No fluff here — just what actually works.
In practice, recognizing a disconformity prevents you from mis‑dating rocks. Imagine you assume continuous deposition and assign a Jurassic age to a layer that actually jumps from Late Triassic to Early Jurassic. Your whole reconstruction of basin evolution goes sideways.
How It Works (or How to Identify It)
Below is the step‑by‑step approach I use when I’m in the field or staring at a core plug. It works for any region, whether you’re hunting the Morrison‑Dakota pair in the American West or the Devonian‑Carboniferous break in the UK.
1. Look for Surface Features
- Scour marks or channels – these indicate erosion before the next layer settled.
- Paleosols – thin, weathered horizons that often develop during a pause in sedimentation.
- Fossil soil horizons (root traces, burrows) – living organisms need a stable surface, so they show up when deposition stops.
2. Check the Fossil Content
If the lower unit is packed with bivalve fossils typical of a shallow marine environment, and the overlying unit suddenly bursts with trilobite assemblages, you’ve got a time gap. The key is a significant turnover in species that can’t be explained by simple ecological change Not complicated — just consistent..
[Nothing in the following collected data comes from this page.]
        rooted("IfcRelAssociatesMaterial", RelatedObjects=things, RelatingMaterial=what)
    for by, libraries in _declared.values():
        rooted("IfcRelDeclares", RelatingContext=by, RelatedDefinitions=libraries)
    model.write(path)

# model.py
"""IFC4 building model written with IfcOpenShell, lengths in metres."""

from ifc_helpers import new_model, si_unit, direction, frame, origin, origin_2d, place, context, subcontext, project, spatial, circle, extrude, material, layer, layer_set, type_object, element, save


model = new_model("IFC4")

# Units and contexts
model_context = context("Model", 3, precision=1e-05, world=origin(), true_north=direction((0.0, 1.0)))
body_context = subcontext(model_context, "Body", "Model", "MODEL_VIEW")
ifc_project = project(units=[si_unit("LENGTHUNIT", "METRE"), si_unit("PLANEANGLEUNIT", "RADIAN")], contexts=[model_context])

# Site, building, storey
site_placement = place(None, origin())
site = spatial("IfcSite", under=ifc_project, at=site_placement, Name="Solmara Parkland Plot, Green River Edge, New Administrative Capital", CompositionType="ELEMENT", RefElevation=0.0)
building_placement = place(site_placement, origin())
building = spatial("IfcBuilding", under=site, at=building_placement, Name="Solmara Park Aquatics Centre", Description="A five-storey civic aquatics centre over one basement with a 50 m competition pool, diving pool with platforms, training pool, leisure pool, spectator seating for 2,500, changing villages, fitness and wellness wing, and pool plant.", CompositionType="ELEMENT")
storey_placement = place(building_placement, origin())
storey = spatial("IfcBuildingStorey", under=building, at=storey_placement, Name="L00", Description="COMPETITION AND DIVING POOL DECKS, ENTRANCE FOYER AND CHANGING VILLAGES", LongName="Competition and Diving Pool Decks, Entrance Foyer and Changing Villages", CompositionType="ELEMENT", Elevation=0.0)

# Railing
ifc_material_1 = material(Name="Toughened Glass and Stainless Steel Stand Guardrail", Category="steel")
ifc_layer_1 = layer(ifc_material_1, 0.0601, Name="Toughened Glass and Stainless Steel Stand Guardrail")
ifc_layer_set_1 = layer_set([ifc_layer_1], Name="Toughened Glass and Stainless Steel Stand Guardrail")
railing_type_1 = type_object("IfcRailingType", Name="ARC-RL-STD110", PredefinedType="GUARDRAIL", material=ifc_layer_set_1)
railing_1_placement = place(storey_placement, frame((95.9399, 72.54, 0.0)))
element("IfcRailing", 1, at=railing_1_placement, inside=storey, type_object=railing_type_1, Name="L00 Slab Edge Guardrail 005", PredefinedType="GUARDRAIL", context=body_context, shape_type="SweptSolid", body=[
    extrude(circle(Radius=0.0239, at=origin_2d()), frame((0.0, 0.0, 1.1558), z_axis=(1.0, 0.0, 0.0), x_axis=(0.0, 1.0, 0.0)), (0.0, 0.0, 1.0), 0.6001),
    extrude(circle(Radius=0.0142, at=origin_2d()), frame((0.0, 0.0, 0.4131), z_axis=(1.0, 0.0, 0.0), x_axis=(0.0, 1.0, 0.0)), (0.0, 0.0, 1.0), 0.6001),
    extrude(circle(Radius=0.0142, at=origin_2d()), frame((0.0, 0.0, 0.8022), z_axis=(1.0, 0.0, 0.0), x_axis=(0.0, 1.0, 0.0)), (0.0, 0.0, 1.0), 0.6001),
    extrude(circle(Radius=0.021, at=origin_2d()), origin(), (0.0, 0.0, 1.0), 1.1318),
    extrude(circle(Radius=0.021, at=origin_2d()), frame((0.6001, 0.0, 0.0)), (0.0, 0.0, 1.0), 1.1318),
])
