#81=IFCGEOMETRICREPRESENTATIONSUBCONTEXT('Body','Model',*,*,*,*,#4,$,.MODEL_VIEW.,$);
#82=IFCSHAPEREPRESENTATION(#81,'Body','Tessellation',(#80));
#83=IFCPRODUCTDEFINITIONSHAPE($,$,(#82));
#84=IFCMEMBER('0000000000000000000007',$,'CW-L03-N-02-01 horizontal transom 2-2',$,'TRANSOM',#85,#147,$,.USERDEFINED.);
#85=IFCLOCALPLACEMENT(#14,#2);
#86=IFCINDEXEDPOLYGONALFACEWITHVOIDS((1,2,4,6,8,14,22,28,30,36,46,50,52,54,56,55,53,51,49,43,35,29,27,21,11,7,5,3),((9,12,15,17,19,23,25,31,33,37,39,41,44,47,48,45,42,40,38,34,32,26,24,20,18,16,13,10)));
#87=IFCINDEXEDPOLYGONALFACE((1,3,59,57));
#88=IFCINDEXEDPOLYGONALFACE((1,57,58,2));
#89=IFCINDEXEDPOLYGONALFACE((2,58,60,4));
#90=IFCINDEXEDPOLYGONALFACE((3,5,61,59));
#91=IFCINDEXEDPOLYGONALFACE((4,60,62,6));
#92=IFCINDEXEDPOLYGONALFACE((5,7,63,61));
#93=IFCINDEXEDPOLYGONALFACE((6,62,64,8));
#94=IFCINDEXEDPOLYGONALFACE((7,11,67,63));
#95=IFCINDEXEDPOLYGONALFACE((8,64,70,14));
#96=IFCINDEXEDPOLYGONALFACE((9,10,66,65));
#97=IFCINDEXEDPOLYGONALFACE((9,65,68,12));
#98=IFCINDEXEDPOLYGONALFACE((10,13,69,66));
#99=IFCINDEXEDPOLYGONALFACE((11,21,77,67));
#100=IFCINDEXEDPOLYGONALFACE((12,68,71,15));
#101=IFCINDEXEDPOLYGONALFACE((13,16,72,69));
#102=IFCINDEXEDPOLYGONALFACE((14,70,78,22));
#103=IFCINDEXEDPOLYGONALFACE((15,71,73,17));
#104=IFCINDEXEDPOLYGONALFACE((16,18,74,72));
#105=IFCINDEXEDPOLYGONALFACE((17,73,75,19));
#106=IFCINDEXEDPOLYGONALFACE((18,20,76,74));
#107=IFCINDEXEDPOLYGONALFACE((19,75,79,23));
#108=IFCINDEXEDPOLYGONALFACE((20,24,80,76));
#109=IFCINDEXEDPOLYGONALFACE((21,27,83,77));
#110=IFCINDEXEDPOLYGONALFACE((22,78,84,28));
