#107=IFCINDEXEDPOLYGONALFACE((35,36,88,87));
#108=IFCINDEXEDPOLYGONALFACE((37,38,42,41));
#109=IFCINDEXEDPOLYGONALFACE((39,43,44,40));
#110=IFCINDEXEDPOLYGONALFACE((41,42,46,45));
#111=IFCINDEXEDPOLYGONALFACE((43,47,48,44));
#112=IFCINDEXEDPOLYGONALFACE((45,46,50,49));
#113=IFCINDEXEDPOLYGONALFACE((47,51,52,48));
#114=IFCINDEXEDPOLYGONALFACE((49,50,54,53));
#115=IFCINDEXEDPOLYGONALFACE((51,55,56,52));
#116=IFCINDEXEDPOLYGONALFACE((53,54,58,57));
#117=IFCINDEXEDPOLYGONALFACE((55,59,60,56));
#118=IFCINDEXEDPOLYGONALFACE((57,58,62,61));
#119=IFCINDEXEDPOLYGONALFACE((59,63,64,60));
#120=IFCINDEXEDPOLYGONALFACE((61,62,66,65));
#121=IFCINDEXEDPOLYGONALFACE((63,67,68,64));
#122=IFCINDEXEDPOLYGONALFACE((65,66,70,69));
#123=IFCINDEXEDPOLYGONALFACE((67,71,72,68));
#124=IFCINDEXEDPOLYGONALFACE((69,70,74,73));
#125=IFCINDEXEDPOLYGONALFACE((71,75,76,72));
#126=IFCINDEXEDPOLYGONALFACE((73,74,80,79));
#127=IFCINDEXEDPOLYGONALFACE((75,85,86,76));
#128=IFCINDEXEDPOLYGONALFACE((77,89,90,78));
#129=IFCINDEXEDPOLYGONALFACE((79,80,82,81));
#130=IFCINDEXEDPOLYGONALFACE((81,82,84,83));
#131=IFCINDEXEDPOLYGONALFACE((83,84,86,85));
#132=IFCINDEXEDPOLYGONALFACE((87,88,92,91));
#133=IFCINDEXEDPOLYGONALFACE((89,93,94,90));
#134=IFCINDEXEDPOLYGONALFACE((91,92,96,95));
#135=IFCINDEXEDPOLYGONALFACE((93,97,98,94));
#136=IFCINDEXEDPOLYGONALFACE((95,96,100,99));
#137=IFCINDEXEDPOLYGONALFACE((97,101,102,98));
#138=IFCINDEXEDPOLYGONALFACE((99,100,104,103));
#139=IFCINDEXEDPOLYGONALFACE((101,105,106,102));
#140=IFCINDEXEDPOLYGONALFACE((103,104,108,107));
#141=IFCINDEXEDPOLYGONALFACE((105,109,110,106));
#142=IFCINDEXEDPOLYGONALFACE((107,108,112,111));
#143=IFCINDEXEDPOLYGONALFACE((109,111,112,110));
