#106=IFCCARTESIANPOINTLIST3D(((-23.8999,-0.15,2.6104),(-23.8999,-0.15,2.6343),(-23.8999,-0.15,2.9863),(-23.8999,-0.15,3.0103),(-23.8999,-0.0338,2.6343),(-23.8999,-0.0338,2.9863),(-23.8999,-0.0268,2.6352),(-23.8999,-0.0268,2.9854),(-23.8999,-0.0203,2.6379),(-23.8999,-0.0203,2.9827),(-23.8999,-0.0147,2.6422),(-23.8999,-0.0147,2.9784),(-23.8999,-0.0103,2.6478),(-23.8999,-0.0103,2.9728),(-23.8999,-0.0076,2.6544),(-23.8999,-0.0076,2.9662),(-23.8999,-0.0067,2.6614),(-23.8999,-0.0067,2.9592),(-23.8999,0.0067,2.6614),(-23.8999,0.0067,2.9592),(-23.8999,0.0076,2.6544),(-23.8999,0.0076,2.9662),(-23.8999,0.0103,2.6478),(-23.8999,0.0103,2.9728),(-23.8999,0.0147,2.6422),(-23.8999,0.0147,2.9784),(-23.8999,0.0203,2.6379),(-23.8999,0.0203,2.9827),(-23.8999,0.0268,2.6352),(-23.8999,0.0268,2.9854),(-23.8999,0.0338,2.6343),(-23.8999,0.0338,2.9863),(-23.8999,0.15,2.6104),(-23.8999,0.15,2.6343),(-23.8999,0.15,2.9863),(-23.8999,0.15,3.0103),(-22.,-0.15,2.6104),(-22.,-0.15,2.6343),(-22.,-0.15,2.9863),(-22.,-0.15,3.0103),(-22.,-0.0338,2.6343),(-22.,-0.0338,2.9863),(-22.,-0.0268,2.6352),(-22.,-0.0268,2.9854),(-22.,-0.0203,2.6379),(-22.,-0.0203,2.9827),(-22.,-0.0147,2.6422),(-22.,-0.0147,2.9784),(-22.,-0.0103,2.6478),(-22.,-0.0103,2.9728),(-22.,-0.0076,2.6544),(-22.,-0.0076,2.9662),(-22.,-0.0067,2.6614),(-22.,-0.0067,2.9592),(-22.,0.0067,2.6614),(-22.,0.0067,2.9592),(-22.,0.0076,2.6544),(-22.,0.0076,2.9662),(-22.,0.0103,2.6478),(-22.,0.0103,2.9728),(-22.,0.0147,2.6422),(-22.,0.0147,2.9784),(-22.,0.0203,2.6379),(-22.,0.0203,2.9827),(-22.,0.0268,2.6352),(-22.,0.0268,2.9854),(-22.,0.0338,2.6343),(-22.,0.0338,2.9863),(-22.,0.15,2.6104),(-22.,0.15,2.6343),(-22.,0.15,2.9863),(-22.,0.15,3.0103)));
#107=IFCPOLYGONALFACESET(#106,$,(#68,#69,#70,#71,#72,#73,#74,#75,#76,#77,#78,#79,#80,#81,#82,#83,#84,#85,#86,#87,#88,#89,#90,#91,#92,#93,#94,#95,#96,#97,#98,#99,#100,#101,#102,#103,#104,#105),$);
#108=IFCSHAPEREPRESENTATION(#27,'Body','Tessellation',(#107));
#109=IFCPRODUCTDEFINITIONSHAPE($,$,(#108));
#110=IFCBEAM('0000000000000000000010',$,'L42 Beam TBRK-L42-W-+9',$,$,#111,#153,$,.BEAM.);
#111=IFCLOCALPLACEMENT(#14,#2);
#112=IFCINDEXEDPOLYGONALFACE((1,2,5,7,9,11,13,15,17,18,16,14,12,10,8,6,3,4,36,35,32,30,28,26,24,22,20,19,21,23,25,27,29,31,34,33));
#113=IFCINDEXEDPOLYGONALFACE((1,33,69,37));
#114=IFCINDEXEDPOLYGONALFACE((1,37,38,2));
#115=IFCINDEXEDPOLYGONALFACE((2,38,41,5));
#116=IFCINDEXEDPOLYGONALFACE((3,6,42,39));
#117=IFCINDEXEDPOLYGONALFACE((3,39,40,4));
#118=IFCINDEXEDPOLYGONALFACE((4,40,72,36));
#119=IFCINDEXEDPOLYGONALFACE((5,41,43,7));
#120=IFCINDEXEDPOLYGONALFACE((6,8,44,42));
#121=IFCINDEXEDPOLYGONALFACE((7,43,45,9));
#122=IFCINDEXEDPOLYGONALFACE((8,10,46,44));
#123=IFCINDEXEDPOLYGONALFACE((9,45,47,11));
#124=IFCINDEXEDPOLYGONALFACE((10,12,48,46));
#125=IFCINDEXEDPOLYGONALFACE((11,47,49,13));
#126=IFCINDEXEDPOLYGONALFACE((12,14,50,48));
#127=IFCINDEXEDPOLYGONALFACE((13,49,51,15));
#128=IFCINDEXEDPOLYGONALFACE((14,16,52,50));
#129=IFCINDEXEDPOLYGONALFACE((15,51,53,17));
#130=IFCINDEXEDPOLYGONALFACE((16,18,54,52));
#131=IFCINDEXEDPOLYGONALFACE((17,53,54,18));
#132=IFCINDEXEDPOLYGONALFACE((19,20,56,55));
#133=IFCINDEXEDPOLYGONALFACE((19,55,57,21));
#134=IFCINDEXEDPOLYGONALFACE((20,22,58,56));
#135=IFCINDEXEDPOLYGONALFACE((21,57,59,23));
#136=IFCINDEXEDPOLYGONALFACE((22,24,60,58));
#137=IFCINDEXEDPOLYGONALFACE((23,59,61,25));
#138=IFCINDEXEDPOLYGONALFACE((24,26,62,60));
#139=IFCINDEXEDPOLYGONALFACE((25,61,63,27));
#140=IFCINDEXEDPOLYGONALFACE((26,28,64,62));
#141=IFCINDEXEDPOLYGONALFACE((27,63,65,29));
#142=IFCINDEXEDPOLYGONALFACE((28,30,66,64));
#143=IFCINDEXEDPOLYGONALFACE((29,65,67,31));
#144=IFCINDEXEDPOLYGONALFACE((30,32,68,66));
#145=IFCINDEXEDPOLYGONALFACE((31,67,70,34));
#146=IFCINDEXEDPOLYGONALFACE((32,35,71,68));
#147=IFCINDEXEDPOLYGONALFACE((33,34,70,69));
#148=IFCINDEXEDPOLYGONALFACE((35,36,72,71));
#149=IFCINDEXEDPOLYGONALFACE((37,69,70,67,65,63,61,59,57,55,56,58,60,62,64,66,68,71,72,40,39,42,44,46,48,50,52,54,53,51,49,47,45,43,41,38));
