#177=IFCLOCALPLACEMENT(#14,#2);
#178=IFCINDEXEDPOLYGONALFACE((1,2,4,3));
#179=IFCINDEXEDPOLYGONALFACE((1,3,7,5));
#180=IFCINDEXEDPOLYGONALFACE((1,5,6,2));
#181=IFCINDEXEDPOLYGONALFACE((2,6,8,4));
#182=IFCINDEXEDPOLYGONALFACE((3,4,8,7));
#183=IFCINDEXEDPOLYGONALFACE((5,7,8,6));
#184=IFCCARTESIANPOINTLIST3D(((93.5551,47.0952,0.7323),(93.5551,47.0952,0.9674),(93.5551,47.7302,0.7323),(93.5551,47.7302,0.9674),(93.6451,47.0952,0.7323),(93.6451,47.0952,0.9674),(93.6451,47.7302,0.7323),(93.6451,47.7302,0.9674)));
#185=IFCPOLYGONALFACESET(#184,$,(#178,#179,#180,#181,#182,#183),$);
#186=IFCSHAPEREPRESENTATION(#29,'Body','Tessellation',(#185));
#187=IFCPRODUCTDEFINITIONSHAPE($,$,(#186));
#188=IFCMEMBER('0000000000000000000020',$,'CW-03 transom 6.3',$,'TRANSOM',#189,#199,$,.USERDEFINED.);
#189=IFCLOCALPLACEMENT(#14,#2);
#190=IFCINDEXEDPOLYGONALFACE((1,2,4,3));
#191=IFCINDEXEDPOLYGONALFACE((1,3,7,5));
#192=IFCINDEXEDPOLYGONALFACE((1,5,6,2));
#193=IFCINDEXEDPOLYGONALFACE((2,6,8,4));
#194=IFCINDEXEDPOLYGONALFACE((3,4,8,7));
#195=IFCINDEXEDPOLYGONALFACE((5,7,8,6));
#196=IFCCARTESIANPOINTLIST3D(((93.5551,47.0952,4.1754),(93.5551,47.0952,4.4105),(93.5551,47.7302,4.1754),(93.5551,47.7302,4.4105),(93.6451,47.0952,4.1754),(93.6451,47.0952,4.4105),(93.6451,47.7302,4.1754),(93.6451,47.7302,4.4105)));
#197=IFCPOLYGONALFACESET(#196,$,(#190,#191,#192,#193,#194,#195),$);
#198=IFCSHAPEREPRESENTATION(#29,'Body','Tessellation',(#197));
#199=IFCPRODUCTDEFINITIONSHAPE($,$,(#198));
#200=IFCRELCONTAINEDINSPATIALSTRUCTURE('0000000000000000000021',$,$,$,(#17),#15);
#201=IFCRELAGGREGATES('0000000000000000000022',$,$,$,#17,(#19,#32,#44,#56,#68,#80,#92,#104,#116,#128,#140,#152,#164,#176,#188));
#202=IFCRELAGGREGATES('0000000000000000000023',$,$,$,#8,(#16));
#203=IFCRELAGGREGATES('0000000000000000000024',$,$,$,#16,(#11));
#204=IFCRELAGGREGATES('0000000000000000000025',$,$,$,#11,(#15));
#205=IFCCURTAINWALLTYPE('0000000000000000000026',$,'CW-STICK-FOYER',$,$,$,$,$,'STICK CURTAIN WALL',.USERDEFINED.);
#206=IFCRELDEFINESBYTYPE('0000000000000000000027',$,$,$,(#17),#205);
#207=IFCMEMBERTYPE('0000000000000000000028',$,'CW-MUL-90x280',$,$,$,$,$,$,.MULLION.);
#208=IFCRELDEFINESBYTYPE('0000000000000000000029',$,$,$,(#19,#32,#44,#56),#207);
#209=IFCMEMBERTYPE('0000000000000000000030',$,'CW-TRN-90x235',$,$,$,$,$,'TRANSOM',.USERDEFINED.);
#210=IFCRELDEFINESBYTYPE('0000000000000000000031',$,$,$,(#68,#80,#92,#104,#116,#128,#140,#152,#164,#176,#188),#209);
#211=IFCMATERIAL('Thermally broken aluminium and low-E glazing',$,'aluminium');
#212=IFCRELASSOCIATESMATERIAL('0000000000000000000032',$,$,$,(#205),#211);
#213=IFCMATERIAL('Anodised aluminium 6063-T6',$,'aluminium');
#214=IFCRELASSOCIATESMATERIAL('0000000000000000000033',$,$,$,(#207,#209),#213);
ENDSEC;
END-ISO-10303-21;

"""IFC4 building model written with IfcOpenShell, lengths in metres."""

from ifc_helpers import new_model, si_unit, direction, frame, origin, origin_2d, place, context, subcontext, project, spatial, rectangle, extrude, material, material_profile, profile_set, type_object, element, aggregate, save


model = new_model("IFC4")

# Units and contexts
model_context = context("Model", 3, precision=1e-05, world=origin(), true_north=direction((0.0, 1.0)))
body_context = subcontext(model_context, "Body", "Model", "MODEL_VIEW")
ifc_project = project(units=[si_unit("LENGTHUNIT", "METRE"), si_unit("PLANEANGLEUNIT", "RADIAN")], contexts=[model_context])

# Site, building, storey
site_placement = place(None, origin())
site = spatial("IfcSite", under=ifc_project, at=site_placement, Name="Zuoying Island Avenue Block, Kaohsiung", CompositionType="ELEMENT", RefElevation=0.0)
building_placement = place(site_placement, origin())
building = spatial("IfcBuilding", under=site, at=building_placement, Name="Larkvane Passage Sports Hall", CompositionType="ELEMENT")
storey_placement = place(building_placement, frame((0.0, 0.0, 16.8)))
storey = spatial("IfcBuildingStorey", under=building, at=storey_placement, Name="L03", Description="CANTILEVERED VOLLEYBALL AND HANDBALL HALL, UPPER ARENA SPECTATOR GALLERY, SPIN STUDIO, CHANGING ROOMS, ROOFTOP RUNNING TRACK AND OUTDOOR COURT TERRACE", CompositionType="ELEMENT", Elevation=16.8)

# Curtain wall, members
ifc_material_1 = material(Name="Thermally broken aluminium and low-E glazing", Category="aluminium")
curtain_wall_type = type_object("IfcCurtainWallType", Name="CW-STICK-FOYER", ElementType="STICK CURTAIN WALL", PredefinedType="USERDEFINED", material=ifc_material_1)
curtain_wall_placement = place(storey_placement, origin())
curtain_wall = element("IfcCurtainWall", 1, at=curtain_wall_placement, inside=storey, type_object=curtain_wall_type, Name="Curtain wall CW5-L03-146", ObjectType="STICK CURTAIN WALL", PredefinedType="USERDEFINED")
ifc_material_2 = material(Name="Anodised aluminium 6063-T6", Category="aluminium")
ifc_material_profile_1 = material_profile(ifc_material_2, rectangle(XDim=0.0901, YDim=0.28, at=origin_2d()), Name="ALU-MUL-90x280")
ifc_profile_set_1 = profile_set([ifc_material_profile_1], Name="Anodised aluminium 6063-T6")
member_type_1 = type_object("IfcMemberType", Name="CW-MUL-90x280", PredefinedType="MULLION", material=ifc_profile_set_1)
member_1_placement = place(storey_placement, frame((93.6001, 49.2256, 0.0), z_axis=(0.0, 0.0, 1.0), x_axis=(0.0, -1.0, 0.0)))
3. Measure the Age Difference
Radiometric dating (U‑Pb on zircon, Ar‑Ar on volcanic ash) is the gold standard. If the lower formation yields a 150 Ma age and the overlying one clocks in at 140 Ma, you’ve got a ten‑million‑year hiatus – classic disconformity material Not complicated — just consistent..
4. Map the Extent
Disconformities can be local (a single outcrop) or regional (spanning entire basins). Use stratigraphic columns from nearby wells or sections to see if the same gap appears elsewhere. Consistency across a wide area strengthens the case And it works..
5. Identify the Formations
Now for the fun part: naming the two formations. But the answer varies by geographic setting. Below are the most frequently cited pairs that textbooks love to showcase.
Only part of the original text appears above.